Although Kennedy taking a liberal position on this issue is an excellent thing, it’s an exaggeration to refer to him as a “champion of equal rights”. After all, the only reason Kennedy stands out among the 5 justices who declared the law unconstitutional is that he tends to vote against equal rights (and common sense) in so many other cases. The other 4 justices are reliable votes for equal rights, so their votes aren’t newsworthy.

This week, for example, Kennedy joined his benighted right-wing brethren in throwing out the part of the Voting Rights Act that required certain states to get Justice Department approval before tinkering with their electoral laws. The immediate result of this Supreme Court decision is that some of those states (ones whose leaders committed treason in order to defend slavery) have already announced plans to make voting more difficult.

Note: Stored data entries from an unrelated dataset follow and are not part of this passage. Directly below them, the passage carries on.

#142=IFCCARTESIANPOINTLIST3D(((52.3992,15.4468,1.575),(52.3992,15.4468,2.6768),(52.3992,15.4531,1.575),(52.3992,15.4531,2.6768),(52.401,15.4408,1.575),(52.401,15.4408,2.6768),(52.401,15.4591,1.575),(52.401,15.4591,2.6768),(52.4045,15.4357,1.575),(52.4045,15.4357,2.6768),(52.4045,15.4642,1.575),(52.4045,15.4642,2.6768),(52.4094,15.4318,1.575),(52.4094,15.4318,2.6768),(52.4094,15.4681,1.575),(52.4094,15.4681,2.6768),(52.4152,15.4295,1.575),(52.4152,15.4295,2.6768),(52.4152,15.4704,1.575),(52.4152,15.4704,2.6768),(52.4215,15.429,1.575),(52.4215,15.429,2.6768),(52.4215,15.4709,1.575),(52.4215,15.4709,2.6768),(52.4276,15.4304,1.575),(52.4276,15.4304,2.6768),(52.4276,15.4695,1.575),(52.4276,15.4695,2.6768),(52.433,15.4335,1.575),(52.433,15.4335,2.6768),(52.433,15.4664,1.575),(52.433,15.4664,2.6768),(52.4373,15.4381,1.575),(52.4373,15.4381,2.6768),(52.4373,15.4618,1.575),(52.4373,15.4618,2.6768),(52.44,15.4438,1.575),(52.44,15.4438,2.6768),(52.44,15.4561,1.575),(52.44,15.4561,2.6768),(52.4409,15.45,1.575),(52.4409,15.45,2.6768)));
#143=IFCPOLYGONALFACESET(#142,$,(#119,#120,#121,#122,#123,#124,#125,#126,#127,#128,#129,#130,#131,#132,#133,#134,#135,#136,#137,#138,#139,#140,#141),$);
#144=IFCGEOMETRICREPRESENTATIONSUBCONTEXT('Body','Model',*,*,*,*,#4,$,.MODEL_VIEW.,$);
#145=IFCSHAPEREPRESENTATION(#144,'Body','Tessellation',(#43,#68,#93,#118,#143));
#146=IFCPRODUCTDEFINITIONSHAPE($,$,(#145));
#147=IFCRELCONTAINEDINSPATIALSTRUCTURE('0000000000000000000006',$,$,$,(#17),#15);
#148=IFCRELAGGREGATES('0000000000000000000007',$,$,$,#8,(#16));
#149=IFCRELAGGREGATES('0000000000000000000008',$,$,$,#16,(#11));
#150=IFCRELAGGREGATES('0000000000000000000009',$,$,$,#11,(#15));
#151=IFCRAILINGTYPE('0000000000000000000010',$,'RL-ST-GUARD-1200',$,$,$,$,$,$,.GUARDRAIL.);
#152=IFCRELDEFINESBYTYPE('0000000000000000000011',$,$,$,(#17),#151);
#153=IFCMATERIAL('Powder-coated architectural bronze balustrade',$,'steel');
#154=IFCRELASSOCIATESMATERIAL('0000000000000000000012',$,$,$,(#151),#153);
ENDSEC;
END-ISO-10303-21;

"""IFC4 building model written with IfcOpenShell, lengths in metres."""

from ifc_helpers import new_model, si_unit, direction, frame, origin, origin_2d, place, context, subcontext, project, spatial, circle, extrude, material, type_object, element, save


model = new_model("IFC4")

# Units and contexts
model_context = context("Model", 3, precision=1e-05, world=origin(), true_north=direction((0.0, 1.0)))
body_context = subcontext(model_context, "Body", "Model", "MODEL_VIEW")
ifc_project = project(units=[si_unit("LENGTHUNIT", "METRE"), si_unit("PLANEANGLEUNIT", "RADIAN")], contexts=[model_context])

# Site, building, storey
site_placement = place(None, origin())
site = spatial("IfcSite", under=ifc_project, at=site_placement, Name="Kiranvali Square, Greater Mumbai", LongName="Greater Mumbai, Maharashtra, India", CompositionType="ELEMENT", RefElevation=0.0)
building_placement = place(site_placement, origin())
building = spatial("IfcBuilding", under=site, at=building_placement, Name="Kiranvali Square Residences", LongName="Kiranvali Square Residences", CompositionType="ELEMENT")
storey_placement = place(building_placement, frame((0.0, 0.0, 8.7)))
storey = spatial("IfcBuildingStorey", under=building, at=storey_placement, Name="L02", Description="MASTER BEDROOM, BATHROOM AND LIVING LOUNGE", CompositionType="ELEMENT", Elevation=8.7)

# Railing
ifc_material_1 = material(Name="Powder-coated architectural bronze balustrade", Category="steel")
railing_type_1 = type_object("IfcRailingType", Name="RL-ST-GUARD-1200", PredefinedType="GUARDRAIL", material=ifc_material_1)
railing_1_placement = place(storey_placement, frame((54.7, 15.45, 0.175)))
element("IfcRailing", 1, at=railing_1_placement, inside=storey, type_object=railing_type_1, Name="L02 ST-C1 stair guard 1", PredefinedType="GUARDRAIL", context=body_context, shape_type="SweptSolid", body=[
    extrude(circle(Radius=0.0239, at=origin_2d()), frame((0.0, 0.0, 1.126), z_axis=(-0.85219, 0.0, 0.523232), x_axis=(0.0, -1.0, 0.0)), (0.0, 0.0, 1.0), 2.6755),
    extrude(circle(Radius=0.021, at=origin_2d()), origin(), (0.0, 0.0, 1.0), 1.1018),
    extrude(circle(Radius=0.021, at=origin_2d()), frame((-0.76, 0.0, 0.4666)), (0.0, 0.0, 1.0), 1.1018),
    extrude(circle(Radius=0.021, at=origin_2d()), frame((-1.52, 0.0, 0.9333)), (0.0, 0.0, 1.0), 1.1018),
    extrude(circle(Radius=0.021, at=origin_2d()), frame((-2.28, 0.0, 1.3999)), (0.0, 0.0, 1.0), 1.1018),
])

Everyone knows that the purpose of these restrictive voting laws so popular in certain states is to suppress turnout among blacks, Hispanics and the poor (who tend to vote Democratic), not to eliminate voter fraud (which has never been shown to exist to any mathematically significant degree at all).

So in a couple of cases this week, Justice Kennedy voted for equal rights. In a case that was at least equally important, he voted to make it more difficult for people to exercise their right as an American citizen to vote — not their right to vote as the holder of one or more specific forms of identification. People all over the world vote by showing up at the polls and getting their hands stamped. They don’t have to “prove” that they live where they live.

For your consideration: Supreme Court Justice Anthony Kennedy, champion of equal rights in a very limited sense.